Pero, dejando ya atrás fórmulas retóricas para describir tan noble emplazamiento, pasemos a analizar los orígenes del santuario. La palabra «balma» significa cueva. Aprovechando las grutas del lugar del monte Tossa y las concavidades pétreas que aquí se disponen, la iglesia y demás dependencias se enclavaron en la roca, a más de setecientos metros de altura. Ya en tiempos anteriores al siglo XIV se tienen noticias de que existía una humilde ermita, hogar de monjes y anacoretas que buscaban la paz y el recogimiento para sus oraciones. Y es por aquellos siglos cuando comienzan las leyendas sobrenaturales de Balma.
Al parecer, la Virgen se le apareció a un pastor allí mismo y le solicitó que se construyera una ermita para que mostraran su devoción los habitantes de los pueblos cercanos. La historia narra cómo el campesino, vecino de Zorita, dirigía su rebaño por las cercanías del paraje de la Balma un buen día del ya lejano siglo XIV cuando al llegar a la cueva decidió descansar de sus quehaceres y, en un saliente de la roca, oteando el idílico paisaje que desde allí se contempla, se sentó. Pero inmediatamente quedó sobresaltado por un fogonazo, un resplandor muy vivo que surgía desde el interior más recóndito de la cueva. Al acercarse, no sin cierto temor, pudo contemplar a una señora de gran belleza que le dijo: «Ve al pueblo. Avisa al cura y a los vecinos que es mi voluntad y la de mi hijo que en este mismo lugar y cueva se edifique un templo».
La visión desapareció y dejó en su lugar una imagen negra de la Virgen. Al mismo tiempo, un brazo que el pastor tenía inútil recobró su movilidad y sanó completamente. Se hizo lo que dijo la Virgen y, mientras los paisanos realizaban las obras del templo solicitadas por su Señora, brotó un manantial cuyas aguas puras, según la tradición, poseen propiedades curativas e incluso milagrosas, el cual hoy en día se localiza en la entrada a la hostería.

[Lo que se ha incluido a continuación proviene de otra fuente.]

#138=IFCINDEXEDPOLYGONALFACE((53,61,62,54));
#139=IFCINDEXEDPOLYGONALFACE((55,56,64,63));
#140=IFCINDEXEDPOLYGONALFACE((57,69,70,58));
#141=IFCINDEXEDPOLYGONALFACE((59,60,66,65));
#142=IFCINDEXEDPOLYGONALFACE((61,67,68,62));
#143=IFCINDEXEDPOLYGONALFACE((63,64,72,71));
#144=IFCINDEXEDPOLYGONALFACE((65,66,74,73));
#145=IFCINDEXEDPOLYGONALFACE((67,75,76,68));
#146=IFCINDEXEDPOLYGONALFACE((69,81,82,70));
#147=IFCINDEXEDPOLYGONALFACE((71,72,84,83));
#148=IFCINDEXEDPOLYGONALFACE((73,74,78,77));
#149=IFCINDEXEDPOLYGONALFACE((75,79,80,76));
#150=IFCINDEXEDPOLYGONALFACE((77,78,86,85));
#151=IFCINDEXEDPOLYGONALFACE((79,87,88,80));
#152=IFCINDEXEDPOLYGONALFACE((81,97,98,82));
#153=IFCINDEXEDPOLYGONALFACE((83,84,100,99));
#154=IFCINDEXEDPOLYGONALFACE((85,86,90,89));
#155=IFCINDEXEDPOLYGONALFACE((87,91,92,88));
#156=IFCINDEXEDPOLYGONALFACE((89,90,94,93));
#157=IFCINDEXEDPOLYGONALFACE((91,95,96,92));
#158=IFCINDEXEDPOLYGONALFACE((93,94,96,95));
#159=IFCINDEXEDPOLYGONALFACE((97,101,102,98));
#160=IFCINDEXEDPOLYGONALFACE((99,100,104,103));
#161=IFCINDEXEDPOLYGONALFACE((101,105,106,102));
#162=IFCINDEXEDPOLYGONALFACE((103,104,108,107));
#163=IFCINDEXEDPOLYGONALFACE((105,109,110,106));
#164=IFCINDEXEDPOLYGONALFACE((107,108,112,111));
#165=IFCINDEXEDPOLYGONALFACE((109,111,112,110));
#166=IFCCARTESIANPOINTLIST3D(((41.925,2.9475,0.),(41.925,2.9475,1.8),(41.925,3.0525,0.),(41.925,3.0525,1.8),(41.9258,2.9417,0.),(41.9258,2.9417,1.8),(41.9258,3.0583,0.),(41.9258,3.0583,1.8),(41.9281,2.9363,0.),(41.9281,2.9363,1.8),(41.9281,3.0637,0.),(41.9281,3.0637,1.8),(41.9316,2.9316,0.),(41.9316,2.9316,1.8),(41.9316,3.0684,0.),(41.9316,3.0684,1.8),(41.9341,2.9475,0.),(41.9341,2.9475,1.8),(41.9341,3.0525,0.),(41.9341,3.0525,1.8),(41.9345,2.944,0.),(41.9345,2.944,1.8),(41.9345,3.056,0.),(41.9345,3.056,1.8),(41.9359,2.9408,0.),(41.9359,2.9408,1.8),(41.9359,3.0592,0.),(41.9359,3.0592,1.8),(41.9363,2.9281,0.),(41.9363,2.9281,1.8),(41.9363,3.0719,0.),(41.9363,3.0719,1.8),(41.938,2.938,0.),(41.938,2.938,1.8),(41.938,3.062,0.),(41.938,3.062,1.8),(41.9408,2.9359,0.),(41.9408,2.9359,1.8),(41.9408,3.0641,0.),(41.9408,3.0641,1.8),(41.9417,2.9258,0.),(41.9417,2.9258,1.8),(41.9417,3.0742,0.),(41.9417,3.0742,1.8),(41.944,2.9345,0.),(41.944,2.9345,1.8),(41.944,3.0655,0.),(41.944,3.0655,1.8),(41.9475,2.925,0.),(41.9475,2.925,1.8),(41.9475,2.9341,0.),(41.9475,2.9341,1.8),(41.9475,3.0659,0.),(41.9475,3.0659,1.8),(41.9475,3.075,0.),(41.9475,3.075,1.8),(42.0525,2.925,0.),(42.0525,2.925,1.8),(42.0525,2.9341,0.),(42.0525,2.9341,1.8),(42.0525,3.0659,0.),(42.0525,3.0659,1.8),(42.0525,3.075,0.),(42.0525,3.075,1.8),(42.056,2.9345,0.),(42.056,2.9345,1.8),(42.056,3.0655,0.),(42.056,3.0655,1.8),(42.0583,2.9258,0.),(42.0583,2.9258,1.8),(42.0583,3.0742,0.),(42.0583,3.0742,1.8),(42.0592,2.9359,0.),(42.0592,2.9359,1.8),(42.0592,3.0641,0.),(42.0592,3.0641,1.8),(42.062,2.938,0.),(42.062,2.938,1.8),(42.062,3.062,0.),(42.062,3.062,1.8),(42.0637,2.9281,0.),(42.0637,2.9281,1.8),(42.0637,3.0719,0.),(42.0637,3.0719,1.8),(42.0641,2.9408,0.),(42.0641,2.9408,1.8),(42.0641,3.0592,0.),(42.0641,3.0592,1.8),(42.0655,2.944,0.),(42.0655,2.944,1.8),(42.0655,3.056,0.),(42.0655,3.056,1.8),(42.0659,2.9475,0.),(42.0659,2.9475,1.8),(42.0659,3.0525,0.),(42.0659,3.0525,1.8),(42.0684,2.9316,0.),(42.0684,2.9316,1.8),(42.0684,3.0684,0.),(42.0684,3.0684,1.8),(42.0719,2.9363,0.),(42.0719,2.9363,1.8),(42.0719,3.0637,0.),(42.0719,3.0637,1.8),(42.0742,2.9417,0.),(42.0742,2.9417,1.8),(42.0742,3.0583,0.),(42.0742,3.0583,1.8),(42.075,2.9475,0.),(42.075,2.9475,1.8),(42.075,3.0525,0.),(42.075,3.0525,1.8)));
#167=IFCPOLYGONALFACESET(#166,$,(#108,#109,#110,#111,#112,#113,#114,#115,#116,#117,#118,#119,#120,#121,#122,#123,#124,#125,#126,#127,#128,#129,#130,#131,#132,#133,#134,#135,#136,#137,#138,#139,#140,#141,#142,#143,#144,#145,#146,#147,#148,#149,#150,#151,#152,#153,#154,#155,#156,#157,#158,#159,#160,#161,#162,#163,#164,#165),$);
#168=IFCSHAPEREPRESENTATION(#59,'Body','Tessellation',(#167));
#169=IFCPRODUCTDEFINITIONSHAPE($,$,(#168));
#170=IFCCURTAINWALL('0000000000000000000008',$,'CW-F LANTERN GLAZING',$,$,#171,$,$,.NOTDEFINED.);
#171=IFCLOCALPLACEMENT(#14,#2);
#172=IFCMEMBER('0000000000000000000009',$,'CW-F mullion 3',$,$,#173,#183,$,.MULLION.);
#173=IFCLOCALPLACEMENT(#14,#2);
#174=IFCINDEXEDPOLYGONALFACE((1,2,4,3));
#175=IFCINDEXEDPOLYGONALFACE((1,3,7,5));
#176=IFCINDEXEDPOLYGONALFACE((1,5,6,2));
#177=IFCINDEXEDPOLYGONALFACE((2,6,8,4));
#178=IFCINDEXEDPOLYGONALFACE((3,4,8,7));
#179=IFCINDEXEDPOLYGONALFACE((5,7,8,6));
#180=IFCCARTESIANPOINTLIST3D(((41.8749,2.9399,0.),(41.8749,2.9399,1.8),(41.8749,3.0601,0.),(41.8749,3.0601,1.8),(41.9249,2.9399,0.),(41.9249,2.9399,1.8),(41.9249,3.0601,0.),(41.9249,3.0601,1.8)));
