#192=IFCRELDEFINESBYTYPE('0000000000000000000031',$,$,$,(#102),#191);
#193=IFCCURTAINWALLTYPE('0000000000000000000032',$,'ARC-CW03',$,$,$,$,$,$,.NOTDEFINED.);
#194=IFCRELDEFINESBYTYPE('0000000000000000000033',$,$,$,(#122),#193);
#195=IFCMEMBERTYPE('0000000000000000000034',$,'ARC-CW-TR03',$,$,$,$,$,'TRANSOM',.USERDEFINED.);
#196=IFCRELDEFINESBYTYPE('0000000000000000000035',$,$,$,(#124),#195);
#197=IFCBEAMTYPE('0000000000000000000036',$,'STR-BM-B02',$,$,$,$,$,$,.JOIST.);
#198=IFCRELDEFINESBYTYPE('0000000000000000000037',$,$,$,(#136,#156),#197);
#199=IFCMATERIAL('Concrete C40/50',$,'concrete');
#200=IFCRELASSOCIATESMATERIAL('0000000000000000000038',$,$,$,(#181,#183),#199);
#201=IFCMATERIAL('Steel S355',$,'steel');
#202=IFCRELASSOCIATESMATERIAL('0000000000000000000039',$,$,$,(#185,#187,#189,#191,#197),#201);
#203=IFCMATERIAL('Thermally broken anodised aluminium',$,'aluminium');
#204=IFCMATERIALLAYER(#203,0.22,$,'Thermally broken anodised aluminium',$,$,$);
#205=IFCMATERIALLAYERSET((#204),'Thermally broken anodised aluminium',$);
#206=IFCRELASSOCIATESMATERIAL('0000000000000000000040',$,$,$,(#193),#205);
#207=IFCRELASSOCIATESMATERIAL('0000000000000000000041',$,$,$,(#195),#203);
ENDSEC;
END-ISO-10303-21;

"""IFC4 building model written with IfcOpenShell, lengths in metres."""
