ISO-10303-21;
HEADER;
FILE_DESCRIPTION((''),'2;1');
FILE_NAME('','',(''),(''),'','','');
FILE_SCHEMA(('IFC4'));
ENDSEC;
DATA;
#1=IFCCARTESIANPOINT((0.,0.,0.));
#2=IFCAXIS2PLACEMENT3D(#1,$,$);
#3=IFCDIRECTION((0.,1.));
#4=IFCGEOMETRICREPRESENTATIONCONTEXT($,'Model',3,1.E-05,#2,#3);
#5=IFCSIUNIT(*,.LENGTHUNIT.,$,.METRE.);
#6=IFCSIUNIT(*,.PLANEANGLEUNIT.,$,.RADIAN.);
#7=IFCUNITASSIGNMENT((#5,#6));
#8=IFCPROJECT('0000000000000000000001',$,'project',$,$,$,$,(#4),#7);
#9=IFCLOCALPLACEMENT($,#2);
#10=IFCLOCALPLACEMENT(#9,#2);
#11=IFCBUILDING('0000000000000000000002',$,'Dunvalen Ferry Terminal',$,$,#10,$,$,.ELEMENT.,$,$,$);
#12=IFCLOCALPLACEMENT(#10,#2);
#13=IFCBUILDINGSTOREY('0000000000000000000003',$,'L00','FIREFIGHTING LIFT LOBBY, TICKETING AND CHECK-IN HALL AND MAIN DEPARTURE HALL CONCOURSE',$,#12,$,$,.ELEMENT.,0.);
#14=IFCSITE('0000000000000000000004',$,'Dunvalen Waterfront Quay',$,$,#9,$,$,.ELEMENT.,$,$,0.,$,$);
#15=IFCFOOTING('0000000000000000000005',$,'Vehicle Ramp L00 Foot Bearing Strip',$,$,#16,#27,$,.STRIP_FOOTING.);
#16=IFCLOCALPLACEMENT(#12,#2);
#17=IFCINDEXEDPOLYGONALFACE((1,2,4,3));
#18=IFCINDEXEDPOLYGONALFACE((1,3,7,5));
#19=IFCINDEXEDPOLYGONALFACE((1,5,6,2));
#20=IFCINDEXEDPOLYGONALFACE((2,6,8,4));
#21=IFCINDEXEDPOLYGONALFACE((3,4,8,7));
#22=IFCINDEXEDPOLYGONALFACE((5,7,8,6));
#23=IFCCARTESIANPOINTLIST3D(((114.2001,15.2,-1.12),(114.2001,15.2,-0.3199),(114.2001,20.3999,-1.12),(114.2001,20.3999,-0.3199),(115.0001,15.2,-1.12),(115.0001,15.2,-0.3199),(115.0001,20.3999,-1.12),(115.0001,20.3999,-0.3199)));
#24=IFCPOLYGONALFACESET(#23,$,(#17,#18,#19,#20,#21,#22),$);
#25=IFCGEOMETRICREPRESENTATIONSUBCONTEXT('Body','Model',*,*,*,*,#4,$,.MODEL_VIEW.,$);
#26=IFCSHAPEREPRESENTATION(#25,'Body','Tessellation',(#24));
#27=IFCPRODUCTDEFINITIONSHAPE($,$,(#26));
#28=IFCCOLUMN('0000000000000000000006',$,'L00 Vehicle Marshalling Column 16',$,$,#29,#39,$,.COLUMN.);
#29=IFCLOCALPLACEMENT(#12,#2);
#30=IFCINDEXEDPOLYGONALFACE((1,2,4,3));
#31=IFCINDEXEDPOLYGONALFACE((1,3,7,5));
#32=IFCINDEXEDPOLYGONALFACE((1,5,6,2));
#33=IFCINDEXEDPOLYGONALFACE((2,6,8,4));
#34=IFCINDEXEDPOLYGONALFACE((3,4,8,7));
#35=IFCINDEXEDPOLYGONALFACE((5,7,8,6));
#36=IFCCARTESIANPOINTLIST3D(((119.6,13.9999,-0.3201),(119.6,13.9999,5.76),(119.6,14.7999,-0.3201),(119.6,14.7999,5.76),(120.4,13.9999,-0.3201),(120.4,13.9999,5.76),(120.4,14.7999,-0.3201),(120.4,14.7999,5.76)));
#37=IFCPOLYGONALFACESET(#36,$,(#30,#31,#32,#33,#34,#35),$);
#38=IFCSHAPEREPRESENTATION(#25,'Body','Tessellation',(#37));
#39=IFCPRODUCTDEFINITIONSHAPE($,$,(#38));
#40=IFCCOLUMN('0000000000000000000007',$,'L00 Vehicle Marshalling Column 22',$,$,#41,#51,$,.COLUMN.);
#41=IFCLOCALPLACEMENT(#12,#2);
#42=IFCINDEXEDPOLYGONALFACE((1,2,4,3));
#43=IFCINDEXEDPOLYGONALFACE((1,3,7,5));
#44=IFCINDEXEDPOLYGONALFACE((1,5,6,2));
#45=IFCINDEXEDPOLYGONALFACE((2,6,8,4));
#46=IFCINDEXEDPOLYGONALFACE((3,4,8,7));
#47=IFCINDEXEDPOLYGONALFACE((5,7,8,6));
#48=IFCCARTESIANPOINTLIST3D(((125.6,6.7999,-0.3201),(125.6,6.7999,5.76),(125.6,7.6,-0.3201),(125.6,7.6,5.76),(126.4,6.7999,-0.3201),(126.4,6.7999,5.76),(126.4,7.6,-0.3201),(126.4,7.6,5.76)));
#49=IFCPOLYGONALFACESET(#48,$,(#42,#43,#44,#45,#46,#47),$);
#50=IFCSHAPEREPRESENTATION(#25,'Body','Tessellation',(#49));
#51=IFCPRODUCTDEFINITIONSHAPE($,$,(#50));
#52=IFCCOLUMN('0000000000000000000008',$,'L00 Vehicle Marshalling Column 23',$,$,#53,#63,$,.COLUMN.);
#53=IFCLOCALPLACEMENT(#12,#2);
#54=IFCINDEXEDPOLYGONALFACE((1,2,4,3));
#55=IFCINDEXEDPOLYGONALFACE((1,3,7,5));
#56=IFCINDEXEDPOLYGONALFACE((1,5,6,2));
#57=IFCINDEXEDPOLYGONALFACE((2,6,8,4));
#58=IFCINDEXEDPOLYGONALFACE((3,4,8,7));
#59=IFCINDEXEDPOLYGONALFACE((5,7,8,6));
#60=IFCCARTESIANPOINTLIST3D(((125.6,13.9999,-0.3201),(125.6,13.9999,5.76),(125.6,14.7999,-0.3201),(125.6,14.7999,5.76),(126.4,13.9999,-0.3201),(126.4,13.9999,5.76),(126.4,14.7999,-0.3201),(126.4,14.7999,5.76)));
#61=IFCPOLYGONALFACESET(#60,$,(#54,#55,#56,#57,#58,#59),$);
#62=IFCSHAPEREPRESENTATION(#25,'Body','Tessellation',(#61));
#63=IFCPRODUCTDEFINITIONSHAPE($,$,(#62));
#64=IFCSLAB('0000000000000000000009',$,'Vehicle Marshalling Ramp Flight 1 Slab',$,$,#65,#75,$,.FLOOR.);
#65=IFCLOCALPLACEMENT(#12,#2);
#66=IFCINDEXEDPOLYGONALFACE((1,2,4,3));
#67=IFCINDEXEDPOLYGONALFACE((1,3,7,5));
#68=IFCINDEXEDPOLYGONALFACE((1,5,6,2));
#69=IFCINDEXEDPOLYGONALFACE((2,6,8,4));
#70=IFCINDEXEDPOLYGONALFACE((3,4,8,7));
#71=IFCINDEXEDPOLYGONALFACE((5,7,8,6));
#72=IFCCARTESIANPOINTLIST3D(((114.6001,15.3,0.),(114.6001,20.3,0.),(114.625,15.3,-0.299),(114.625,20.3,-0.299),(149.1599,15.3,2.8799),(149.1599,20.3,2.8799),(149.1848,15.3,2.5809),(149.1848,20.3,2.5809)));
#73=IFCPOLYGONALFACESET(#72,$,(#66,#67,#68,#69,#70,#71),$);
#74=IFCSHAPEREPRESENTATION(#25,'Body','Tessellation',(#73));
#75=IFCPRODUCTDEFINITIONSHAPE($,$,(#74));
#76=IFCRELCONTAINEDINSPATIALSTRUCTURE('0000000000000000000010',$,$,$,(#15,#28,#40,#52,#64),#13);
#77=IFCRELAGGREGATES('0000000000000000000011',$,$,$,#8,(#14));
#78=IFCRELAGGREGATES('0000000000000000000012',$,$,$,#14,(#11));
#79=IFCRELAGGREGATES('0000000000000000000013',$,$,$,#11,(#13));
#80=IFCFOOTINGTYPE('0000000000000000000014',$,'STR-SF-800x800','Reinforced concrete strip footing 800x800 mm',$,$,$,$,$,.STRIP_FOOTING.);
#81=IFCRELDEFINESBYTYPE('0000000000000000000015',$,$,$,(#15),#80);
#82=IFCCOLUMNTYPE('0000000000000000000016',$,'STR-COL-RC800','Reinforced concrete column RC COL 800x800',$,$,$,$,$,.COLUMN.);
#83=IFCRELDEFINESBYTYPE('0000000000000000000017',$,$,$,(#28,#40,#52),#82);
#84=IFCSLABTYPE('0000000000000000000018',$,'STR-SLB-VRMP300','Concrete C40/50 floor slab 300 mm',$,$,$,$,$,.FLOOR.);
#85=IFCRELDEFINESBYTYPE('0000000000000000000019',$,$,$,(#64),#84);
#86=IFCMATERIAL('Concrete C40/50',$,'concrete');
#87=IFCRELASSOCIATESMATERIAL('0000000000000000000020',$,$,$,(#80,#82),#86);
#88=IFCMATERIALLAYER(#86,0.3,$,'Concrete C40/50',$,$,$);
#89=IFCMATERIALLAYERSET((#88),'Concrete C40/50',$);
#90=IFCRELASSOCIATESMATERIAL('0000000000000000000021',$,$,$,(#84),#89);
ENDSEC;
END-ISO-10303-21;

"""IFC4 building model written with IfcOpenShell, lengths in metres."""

from ifc_helpers import new_model, si_unit, direction, frame, origin, origin_2d, place, context, subcontext, project, spatial, polyline, rectangle, outline, extrude, material, layer, layer_set, material_profile, profile_set, type_object, element, save


model = new_model("IFC4")

# Units and contexts
model_context = context("Model", 3, precision=1e-05, world=origin(), true_north=direction((0.0, 1.0)))
body_context = subcontext(model_context, "Body", "Model", "MODEL_VIEW")
ifc_project = project(units=[si_unit("LENGTHUNIT", "METRE"), si_unit("PLANEANGLEUNIT", "RADIAN")], contexts=[model_context])

# Site, building, storey
site_placement = place(None, origin())
site = spatial("IfcSite", under=ifc_project, at=site_placement, Name="Dunvalen Waterfront Quay", CompositionType="ELEMENT", RefElevation=0.0)
building_placement = place(site_placement, origin())
building = spatial("IfcBuilding", under=site, at=building_placement, Name="Dunvalen Ferry Terminal", CompositionType="ELEMENT")
storey_placement = place(building_placement, origin())
storey = spatial("IfcBuildingStorey", under=building, at=storey_placement, Name="L00", Description="FIREFIGHTING LIFT LOBBY, TICKETING AND CHECK-IN HALL AND MAIN DEPARTURE HALL CONCOURSE", CompositionType="ELEMENT", Elevation=0.0)

# Shared definitions
ifc_material_1 = material(Name="Concrete C40/50", Category="concrete")

# Footing
ifc_material_profile_1 = material_profile(ifc_material_1, rectangle(XDim=0.8, YDim=0.8, at=origin_2d()), Name="Concrete C40/50")
ifc_profile_set_1 = profile_set([ifc_material_profile_1], Name="Concrete C40/50")
footing_type_1 = type_object("IfcFootingType", Name="STR-SF-800x800", Description="Reinforced concrete strip footing 800x800 mm", PredefinedType="STRIP_FOOTING", material=ifc_profile_set_1)
footing_1_placement = place(storey_placement, frame((114.6001, 15.2, -0.72), z_axis=(0.0, 1.0, 0.0), x_axis=(-1.0, 0.0, 0.0)))
element("IfcFooting", 1, at=footing_1_placement, inside=storey, type_object=footing_type_1, Name="Vehicle Ramp L00 Foot Bearing Strip", PredefinedType="STRIP_FOOTING", context=body_context, shape_type="SweptSolid", body=[
    extrude(rectangle(XDim=0.8, YDim=0.8, at=origin_2d()), origin(), (0.0, 0.0, 1.0), 5.2),
])

# Columns
ifc_material_profile_2 = material_profile(ifc_material_1, rectangle(XDim=0.8, YDim=0.8, at=origin_2d()), Name="Concrete C40/50")
ifc_profile_set_2 = profile_set([ifc_material_profile_2], Name="Concrete C40/50")
column_type = type_object("IfcColumnType", Name="STR-COL-RC800", Description="Reinforced concrete column RC COL 800x800", PredefinedType="COLUMN", material=ifc_profile_set_2)
for number, where, z_axis, x_axis, name in (
    (2, (120.0, 14.3999, -0.3201), (0.0, 0.0, 1.0), (1.0, 0.0, 0.0), "L00 Vehicle Marshalling Column 16"),
    (3, (126.0, 7.2, -0.3201), (0.0, 0.0, 1.0), (1.0, 0.0, 0.0), "L00 Vehicle Marshalling Column 22"),
    (4, (126.0, 14.3999, -0.3201), (0.0, 0.0, 1.0), (1.0, 0.0, 0.0), "L00 Vehicle Marshalling Column 23"),
):
    element("IfcColumn", number, at=place(storey_placement, frame(where, z_axis=z_axis, x_axis=x_axis)), inside=storey, type_object=column_type, Name=name, PredefinedType="COLUMN", context=body_context, shape_type="SweptSolid", body=[
        extrude(rectangle(XDim=0.8, YDim=0.8, at=origin_2d()), origin(), (0.0, 0.0, 1.0), 6.0801),
    ])

# Slab
ifc_layer = layer(ifc_material_1, 0.3, Name="Concrete C40/50")
ifc_layer_set = layer_set([ifc_layer], Name="Concrete C40/50")
slab_type = type_object("IfcSlabType", Name="STR-SLB-VRMP300", Description="Concrete C40/50 floor slab 300 mm", PredefinedType="FLOOR", material=ifc_layer_set)
slab_placement = place(storey_placement, frame((114.6001, 15.3, 0.0), z_axis=(-0.083043, 0.0, 0.996546), x_axis=(0.996546, 0.0, 0.083043)))
element("IfcSlab", 5, at=slab_placement, inside=storey, type_object=slab_type, Name="Vehicle Marshalling Ramp Flight 1 Slab", PredefinedType="FLOOR", context=body_context, shape_type="SweptSolid", body=[
    extrude(outline(polyline([(0.0, 0.0), (34.6796, 0.0), (34.6796, 5.0), (0.0, 5.0), (0.0, 0.0)])), origin(), (0.0, 0.0, -1.0), 0.3),
])

save(model, "model.ifc")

Una de las primeras leyendas que hablan sobre los orígenes sobrenaturales de la estatuilla aparecida dice que los habitantes de Zorita, recelosos de que alguien pudiera robar la imagen del templo por estar este tan apartado decidieron traerla a su pueblo para guardarla en su iglesia parroquial, más cerca de los vecinos. Pero al día siguiente de dicha acción, cuando acudieron a la iglesia del pueblo para orar a la recién traída Virgen, vieron que había desaparecido del altar donde la habían colocado la víspera. Muy alarmados, comenzaron a buscarla por los alrededores. Casas del pueblo, calles, caminos, montes, tierras de labranza…, ningún lugar quedó sin explorar en busca de su querida Señora. Pero todo fue en balde. Al atardecer, un labrador que venía de las cuevas de Balma dijo muy excitado que la Virgen se encontraba en aquel lugar, en la pequeña ermita donde al principio se halló. Pensando que habían sido víctimas de algún bromista, los vecinos acudieron de nuevo a recoger la imagen para llevarla a la iglesia del pueblo. Pero, como había ocurrido la vez anterior, cuando al amanecer abrieron la iglesia comprobaron que de nuevo la Virgen había desaparecido. Con curiosidad, fueron directamente hasta Balma y, como en la anterior ocasión también, allí encontraron la estatuilla. Y por tercera vez la volvieron a llevar a su pueblo.
Ya en el templo, la oscuridad y el olor a humedad y cirios quemados dan la bienvenida al viajero, que sin duda percibirá cierta sensación claustrofóbica.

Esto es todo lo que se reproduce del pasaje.